The University of Texas at Austin Ranks No. 1 as Source of New Fortune 1000 CEOs

AScribe Newswire
April 13, 2005 Wednesday

AUSTIN, Texas, April 13 [AScribe Newswire] -- The University of Texas at Austin tied with the University of Chicago as the number one source of Fortune 1000 CEOs hired in 2004-2005, according to a survey by USA Today and the public relations firm, Burson-Marsteller.

USA Today and Burson-Marsteller tracked the numbers, surveying the graduate and undergraduate alma maters of all CEOs hired at Fortune 1000 firms since Jan. 1, 2004. The results are summarized in an April 6 USA Today article, "Wanted: CEO, no Ivy required," which includes a chart of the new hires and their alma maters.

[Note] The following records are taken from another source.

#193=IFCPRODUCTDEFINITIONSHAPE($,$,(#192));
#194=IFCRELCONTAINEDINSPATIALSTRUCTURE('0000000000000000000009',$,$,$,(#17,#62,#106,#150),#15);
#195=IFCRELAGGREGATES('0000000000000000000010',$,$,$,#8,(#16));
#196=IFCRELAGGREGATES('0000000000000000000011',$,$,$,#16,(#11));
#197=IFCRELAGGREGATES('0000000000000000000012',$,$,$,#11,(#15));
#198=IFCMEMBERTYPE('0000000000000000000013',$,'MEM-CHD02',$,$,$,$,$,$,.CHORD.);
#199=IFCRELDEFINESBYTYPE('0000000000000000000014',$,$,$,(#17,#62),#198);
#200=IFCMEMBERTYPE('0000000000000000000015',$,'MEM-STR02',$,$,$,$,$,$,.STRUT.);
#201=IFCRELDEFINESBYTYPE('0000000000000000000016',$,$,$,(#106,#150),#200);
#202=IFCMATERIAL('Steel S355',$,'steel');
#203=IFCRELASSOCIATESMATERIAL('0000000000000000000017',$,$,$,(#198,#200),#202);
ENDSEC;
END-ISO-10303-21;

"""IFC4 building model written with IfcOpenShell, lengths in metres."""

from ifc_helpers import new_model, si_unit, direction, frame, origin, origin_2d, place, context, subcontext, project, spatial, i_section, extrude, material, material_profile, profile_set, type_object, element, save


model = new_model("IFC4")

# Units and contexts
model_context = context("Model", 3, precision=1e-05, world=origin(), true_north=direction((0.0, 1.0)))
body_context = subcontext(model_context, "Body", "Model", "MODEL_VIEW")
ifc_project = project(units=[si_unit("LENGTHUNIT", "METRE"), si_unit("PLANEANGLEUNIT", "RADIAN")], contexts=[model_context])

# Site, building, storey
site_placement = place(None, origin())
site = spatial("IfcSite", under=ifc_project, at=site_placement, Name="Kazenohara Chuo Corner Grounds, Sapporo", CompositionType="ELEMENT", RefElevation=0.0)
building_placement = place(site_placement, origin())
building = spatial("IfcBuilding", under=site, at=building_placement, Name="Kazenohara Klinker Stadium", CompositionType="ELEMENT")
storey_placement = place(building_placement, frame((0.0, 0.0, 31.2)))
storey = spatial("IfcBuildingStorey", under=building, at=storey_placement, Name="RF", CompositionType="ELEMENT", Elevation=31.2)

The University of Texas at Austin and the University of Chicago led the list, with four alumni each.

The article cited several studies showing that major corporations no longer turn to Ivy League schools as predominantly as they once did when shopping for CEOs.

A study by executive search firm Spencer Stuart showed that the percentage of CEOs at Fortune 500 firms who were educated at Ivy League schools declined from 16 percent in 1998 to 11 percent in 2004.

"Even the Harvard MBA shows signs of erosion," reported USA Today, noting a 5 percent drop in the number of large-company CEOs with Harvard Business School credentials from 1998-2004.

Newly hired CEOs who graduated from The University of Texas at Austin include Gary Kelly [Southwest Airlines], John Wilder [TXU Corp], Thomas Ryan [Service Corporation International] and Robert McGehee [Progress Energy]. Kelly, Wilder and Ryan graduated from the university's McCombs School of Business, which tied the University of Chicago's Graduate School of Business as the top business school source of CEO talent. McGehee graduated from the University of Texas School of Law.

The results complement a study of Standard & Poor's [S&P] 500 firms conducted by Bloomberg News in July 2004. According to Bloomberg, CEOs are four times more likely to have earned their undergraduate degree from a publicly funded university than from an Ivy League school.

The University of Texas at Austin placed fifth in the Bloomberg survey. The McCombs School, with seven S&P 500 CEO alumni, ranked fifth among all business schools and first among public business schools.